Op woensdag 14 november 2012 05:43:20 UTC+1 schreef Aaron W. Hsu het volgende:
>
> >However, it's perfectly suitable to an accomplished programmer. Not to
> >learn scheme (there are books more specifically designed to teach you
> >all the nooks and crannies of scheme, such as HTDP (How to Design
> >Programs)), but to open your mind. Prepare yourself for an awakening
> >experience!
>
> For books about learning Scheme, I would probably put HtDP and
> SICP in the same general class. Namely, these are both introductory
> computer science texts that use Scheme as their computer programming
> language. Their approaches are quite different, but they are
> both fundamentally introductory computer science texts. For
> specifically studying and understanding Scheme as a language,
> the combination of "The Scheme Programming Language" and the
> appropriate standard document is really hard to beat.
>
> --
>
> Programming is just another word for the lost art of thinking.
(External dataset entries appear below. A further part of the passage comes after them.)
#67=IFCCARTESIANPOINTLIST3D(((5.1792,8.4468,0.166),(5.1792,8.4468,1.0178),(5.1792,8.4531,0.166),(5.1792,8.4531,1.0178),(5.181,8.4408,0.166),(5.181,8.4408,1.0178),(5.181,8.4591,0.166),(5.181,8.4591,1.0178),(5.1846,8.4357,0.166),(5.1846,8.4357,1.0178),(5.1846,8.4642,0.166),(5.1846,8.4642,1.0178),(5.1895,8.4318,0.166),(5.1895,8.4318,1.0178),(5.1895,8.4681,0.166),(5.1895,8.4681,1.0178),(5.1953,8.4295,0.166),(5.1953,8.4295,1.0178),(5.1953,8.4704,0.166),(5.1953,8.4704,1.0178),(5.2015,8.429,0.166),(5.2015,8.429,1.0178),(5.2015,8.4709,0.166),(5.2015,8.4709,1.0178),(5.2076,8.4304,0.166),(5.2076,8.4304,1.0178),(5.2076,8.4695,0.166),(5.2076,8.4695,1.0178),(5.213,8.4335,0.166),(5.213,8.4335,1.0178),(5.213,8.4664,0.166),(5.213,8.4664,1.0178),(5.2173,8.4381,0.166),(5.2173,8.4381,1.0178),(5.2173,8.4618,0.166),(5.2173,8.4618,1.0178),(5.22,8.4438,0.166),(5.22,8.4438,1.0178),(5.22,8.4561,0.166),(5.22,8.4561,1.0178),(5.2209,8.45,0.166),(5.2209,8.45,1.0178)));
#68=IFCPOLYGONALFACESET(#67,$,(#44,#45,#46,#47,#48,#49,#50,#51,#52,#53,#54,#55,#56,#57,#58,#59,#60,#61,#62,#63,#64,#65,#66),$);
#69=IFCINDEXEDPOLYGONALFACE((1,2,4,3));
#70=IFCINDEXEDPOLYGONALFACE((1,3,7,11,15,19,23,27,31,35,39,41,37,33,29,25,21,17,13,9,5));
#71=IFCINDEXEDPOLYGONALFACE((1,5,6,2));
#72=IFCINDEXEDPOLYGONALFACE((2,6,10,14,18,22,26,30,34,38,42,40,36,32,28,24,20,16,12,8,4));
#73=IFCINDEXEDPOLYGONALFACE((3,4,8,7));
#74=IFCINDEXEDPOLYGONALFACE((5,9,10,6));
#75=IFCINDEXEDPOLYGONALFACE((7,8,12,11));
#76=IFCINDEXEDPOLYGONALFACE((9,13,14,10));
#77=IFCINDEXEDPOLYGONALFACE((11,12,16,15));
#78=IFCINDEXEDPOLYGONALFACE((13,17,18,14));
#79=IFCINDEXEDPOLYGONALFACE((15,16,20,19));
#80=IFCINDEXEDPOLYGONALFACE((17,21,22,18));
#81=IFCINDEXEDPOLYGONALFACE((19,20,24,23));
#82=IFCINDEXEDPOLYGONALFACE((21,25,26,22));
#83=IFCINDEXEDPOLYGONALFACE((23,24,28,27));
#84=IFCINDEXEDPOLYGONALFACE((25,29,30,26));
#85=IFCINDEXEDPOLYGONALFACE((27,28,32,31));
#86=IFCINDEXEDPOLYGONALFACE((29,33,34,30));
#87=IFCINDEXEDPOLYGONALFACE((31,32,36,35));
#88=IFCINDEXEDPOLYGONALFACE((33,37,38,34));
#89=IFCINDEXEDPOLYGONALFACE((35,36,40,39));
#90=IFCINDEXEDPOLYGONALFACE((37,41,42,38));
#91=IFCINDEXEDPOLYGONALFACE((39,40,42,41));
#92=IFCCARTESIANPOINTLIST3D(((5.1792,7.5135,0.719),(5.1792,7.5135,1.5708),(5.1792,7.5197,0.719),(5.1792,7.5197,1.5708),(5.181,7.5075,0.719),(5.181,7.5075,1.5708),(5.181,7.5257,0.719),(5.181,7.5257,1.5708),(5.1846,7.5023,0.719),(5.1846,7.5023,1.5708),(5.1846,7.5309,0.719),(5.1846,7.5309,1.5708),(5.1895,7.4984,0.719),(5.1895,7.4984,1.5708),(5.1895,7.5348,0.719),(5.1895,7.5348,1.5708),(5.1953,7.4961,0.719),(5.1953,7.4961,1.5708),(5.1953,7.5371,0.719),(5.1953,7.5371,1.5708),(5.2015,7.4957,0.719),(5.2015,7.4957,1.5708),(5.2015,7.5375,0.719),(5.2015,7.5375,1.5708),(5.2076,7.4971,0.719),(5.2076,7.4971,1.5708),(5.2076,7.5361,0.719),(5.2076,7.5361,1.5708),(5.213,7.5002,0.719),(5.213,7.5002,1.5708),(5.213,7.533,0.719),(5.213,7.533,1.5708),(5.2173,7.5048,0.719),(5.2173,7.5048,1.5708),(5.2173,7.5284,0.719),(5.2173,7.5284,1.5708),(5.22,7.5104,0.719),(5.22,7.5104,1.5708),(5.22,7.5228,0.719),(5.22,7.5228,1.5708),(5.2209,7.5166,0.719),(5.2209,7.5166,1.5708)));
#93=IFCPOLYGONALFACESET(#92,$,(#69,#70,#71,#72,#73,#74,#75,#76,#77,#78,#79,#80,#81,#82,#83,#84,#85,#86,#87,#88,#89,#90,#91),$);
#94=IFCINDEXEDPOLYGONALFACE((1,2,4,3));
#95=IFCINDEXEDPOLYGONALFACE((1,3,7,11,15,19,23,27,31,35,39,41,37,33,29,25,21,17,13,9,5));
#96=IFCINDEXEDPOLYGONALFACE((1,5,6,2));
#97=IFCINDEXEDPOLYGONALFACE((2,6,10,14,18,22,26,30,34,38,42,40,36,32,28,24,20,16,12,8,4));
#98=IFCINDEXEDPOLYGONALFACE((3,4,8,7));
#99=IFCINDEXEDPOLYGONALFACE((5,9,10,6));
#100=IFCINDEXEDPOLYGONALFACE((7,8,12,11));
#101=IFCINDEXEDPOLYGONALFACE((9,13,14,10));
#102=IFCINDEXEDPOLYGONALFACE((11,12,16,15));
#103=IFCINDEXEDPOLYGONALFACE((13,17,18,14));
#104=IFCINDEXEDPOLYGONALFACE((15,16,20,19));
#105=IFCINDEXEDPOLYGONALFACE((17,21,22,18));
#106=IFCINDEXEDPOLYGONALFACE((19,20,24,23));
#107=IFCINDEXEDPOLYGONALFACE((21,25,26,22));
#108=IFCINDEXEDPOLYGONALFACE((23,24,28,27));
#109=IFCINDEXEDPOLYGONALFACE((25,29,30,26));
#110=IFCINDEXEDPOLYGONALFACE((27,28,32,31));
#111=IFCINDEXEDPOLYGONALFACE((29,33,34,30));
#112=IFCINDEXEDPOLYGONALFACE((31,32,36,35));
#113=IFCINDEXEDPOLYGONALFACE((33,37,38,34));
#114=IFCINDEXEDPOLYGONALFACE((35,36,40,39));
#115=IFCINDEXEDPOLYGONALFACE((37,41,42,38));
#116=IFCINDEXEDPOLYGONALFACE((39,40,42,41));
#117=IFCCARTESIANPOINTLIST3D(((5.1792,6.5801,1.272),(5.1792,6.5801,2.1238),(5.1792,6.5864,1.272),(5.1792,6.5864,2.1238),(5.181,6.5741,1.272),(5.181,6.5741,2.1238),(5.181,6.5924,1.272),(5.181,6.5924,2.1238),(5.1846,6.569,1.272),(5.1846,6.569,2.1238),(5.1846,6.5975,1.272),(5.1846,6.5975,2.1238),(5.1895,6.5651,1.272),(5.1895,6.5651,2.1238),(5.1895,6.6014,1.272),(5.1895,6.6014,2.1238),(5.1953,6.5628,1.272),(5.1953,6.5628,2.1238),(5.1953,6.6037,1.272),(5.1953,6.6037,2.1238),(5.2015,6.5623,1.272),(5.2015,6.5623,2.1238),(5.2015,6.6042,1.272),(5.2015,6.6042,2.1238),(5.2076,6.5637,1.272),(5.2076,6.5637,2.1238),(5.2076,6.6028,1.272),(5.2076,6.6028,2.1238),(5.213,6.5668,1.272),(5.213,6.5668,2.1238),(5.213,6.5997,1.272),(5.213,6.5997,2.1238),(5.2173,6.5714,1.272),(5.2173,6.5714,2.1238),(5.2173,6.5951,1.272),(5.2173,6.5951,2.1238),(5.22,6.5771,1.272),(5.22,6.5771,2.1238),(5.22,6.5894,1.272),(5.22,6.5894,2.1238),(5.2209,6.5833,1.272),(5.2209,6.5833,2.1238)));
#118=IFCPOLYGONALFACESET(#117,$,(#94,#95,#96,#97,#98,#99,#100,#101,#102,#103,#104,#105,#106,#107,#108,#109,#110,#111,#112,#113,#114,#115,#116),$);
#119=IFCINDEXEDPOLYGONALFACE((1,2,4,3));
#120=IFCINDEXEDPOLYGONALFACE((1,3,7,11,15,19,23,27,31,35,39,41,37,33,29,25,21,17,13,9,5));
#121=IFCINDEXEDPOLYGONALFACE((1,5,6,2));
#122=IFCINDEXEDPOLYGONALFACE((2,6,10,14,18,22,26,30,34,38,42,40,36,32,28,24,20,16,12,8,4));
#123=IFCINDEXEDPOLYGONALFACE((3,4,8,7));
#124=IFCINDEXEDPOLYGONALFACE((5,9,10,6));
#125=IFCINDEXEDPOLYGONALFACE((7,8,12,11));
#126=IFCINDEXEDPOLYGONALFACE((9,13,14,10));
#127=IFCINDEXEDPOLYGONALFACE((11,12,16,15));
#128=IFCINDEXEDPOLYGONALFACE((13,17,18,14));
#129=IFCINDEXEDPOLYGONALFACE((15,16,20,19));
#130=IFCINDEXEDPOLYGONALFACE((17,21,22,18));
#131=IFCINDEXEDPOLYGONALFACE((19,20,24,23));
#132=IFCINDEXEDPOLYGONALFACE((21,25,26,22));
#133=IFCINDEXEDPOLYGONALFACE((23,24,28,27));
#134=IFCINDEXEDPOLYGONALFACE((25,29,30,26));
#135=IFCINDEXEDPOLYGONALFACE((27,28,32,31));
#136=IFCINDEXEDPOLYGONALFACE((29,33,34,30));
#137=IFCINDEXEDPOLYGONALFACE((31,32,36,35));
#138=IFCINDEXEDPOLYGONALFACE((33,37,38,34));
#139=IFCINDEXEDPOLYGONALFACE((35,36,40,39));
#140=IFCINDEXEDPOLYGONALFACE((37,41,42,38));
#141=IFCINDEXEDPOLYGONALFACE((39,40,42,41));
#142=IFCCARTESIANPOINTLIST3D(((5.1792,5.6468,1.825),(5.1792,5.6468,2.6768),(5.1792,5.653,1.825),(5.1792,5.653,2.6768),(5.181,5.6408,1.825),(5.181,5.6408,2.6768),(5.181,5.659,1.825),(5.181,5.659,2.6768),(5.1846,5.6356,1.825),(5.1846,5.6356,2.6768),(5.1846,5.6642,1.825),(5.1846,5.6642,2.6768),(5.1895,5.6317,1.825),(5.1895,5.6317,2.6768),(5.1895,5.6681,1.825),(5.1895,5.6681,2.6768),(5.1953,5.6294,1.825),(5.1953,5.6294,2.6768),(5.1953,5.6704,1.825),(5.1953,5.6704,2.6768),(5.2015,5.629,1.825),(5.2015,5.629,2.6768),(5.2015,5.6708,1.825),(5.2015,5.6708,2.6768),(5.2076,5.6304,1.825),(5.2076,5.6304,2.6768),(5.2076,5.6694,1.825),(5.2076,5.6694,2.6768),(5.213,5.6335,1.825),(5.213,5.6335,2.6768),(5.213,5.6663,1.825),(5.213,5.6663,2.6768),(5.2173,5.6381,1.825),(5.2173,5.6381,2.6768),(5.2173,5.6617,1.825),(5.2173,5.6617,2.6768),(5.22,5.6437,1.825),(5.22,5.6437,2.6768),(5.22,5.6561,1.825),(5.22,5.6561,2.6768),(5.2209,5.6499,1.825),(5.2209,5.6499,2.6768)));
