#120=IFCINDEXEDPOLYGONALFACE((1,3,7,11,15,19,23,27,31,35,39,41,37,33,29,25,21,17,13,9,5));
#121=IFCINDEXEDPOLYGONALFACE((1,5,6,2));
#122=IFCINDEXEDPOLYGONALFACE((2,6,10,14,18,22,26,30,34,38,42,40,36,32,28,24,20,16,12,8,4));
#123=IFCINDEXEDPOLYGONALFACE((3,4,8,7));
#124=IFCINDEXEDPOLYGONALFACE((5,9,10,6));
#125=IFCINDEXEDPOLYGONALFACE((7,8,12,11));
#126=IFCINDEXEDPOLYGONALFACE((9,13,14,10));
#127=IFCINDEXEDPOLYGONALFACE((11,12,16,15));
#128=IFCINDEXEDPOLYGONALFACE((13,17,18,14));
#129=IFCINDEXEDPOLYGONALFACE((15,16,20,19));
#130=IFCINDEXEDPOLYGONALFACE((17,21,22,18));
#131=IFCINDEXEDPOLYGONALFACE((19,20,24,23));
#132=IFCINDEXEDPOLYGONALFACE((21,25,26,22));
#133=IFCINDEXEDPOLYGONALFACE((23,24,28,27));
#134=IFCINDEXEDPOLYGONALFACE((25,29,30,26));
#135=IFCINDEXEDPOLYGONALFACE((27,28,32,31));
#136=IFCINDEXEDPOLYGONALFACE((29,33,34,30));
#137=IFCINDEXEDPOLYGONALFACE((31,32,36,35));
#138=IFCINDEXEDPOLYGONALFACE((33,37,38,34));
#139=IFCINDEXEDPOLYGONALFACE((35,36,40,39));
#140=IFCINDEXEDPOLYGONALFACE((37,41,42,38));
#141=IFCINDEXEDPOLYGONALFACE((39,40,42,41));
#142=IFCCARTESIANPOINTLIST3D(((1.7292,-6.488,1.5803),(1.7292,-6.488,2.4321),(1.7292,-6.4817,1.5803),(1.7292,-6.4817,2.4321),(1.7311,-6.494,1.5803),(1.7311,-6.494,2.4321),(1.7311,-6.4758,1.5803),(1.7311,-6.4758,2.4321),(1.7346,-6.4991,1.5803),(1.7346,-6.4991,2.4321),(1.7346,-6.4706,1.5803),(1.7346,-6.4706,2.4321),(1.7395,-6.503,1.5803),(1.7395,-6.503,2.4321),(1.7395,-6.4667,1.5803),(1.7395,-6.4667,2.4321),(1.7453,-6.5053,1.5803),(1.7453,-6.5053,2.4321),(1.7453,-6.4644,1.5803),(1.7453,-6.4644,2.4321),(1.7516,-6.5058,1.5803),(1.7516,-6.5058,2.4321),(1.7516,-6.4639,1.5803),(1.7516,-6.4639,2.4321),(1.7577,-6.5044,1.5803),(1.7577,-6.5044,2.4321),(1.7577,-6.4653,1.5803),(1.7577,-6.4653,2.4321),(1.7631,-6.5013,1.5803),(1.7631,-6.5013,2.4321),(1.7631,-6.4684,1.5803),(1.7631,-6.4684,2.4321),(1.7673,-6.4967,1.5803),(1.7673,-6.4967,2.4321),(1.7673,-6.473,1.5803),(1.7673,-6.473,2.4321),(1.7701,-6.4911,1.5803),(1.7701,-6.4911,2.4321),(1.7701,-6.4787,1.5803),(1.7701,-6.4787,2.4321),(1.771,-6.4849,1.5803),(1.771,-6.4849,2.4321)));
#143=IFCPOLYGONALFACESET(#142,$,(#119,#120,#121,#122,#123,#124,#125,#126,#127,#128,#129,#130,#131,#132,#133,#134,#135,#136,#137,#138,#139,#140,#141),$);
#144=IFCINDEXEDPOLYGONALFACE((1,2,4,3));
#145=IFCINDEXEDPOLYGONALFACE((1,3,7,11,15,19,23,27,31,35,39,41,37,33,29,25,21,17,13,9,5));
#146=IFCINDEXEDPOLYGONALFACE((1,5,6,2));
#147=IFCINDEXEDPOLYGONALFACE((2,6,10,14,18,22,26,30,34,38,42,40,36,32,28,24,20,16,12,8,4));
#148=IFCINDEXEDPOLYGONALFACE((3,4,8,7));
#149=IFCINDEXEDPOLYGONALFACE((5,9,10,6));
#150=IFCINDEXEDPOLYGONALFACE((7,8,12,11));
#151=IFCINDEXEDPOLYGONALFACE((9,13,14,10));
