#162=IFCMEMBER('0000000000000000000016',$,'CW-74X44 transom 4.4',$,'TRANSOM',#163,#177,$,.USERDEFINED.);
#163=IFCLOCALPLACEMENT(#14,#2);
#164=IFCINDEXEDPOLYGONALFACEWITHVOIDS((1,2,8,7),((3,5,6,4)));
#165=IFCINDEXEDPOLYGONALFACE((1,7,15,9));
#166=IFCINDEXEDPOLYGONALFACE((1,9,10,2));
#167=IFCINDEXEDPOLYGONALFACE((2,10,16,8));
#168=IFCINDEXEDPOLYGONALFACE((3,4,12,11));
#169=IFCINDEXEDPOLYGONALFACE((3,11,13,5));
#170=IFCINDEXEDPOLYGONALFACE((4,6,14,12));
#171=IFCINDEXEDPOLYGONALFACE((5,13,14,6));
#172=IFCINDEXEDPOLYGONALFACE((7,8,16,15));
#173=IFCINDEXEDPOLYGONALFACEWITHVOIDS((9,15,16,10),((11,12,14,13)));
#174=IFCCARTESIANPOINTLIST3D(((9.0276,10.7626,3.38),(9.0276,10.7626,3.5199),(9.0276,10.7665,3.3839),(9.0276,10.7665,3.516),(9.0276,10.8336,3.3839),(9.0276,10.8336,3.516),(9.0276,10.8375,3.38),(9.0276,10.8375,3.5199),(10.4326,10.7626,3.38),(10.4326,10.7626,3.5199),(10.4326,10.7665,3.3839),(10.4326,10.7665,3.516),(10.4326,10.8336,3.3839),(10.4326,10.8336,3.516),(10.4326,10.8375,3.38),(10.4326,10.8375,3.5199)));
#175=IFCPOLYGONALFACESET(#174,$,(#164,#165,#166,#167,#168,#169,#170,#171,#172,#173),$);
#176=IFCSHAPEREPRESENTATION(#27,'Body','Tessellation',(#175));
A couple of years ago I first started with SICP to learn Lisp, but after a couple of weeks I gave up, mostly because the other chapters after the first were not about Lisp. I then discovered HtDP and I worked it through (almost) completely. HtDP is certainly one of the best books about programming out there. What I found very enlightening in the first chapters, was on how to think about algorithms and solving problems using only recursion. Another nice thing about the book is that it builds nicely upon DrScheme/DrRacket.
After that I started to learn Common Lisp with only the CLHS and ILISP, later SLIME.
I returned to SICP but with another goal in mind: I wanted to implement a small Lisp, and for that, chapter 4, Metalinguistic Abstraction, is the ideal guideline. I did not implement it in Scheme, but in Perl.
SICP is not really for learning Lisp, it is for learning the basics of CS. Its title should be taken literally: 'structure' and 'interpretation' of computer programs. It contains a whole lot of ways on how programs can be written, and it contains a whole lot of ways that a program can be run.
SICP is a book to keep and to return to, I repeat, not for learning Lisp, but to learn about basic and advanced programming, and to learn about the different ways and levels that a computer program can be run.